Redazione RHC : 13 November 2025 08:20
The Australian Security Intelligence Organisation (ASIO) has raised the alarm about the readiness of authoritarian states to go beyond cyber espionage to directly sabotage critical infrastructure.
Mike Burgess, head of the Australian Security Intelligence Organisation (ASIO), said foreign governments were increasingly considering targeting energy, telecommunications and financial networks using technology for destructive cyberattacks.
According to the agency head, in recent years, intelligence agencies have observed a growing interest by several states in “high-impact” scenarios, from disrupting communications to spoofing or poisoning water supplies.
Such actions, Burgess emphasized, are no longer just theoretical . According to ASIO, several countries have created special teams studying how to paralyze other states’ infrastructure in the event of a conflict. While previously the goal of these structures was to secretly obtain data and interfere with internal processes, they are now preparing for sabotage.
The situation, he believes, is exacerbated by a combination of factors: the development of artificial intelligence, the emergence of commercial cyberattack tools, and the ability to rent malicious services on the darknet . These trends make access to sabotage tools significantly easier and the perpetrators more difficult to track down.

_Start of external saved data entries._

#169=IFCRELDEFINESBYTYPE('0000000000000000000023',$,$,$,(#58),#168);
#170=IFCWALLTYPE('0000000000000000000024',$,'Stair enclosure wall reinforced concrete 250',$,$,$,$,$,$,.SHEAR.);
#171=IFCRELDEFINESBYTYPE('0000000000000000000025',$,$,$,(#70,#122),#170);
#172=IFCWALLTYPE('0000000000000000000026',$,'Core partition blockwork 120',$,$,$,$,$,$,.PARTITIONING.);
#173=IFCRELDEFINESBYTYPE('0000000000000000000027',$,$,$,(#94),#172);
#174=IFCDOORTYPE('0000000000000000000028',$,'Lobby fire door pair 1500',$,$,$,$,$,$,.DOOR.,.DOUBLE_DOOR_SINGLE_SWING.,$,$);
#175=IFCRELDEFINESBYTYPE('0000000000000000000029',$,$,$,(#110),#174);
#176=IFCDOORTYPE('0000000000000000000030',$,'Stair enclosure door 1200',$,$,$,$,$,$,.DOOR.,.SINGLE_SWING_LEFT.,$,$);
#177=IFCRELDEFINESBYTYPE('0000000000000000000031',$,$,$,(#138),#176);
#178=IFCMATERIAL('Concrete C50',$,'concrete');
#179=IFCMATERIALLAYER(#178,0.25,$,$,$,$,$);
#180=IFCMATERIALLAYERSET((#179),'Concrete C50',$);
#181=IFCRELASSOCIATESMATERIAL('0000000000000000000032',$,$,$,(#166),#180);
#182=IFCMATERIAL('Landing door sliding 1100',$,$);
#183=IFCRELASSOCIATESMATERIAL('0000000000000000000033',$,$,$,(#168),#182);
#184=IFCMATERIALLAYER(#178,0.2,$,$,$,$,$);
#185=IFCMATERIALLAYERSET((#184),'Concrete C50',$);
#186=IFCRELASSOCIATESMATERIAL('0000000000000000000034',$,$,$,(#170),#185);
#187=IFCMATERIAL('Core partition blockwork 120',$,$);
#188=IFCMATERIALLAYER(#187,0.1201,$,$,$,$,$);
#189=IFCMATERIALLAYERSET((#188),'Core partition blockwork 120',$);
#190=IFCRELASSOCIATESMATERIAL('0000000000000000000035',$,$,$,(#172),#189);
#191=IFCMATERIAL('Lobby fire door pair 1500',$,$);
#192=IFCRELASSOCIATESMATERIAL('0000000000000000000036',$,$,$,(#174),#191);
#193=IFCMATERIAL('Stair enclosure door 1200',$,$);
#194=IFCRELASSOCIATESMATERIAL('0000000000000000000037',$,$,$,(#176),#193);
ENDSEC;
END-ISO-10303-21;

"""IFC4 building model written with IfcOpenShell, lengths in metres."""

The agency predicts that over the next five years, the threat of sabotage, including through digital means, will increase both in terms of attackers’ technical preparedness and their determination to act.
Burgess noted that modern threats are not only becoming more numerous, but also less distinct. ASIO estimates that the same actors may be combining intelligence, cyberattacks, and the use of criminal proxies, blurring the lines between military and criminal activity. These trends, he argued, are leading to a “degraded security environment,” in which states adhering to authoritarian models are acting increasingly aggressively and less predictably.
He cited the Chinese groups Salt Typhoon and Volt Typhoon as examples. The former specializes in cyberespionage and has already conducted reconnaissance on Australian telecommunications networks, while the latter was preparing for destructive operations, gaining access to critical US facilities with the potential to disable them.
Such intrusions, the ASIO director stressed, provide an adversary with the technical ability to disable communications or power supply at any time, and in such circumstances, further developments depend solely on political will, not the availability of tools.
He paid particular attention to the problem of companies’ unpreparedness for such threats . In his opinion, most business incidents occur due to well-known vulnerabilities and the neglect of basic security measures. Although the risks have long been identified, management often perceives cyber attacks as unexpected. At the same time, he emphasized, protecting against sabotage requires the same management approaches as monitoring internal failures, thefts, or incidents.
Burgess urged companies to abandon a superficial approach to security and move beyond presentations and reports. He emphasized that executives must clearly understand which data, systems, and services are critical to the company and its customers, where they are stored, who has access to them, and how well they are protected. Only then can they build a cohesive security system that eliminates gaps between departments and siloed solutions.
According to the ASIO head, the lack of comprehensive measures cannot be justified by either the complexity of the technologies or the lack of resources. If the risks are foreseeable and the vulnerabilities are known, inaction becomes a deliberate breach of security.
He stressed that ignoring these threats in the current context is unacceptable, especially considering that potential adversaries already have everything they need to attack infrastructure, including artificial intelligence capabilities.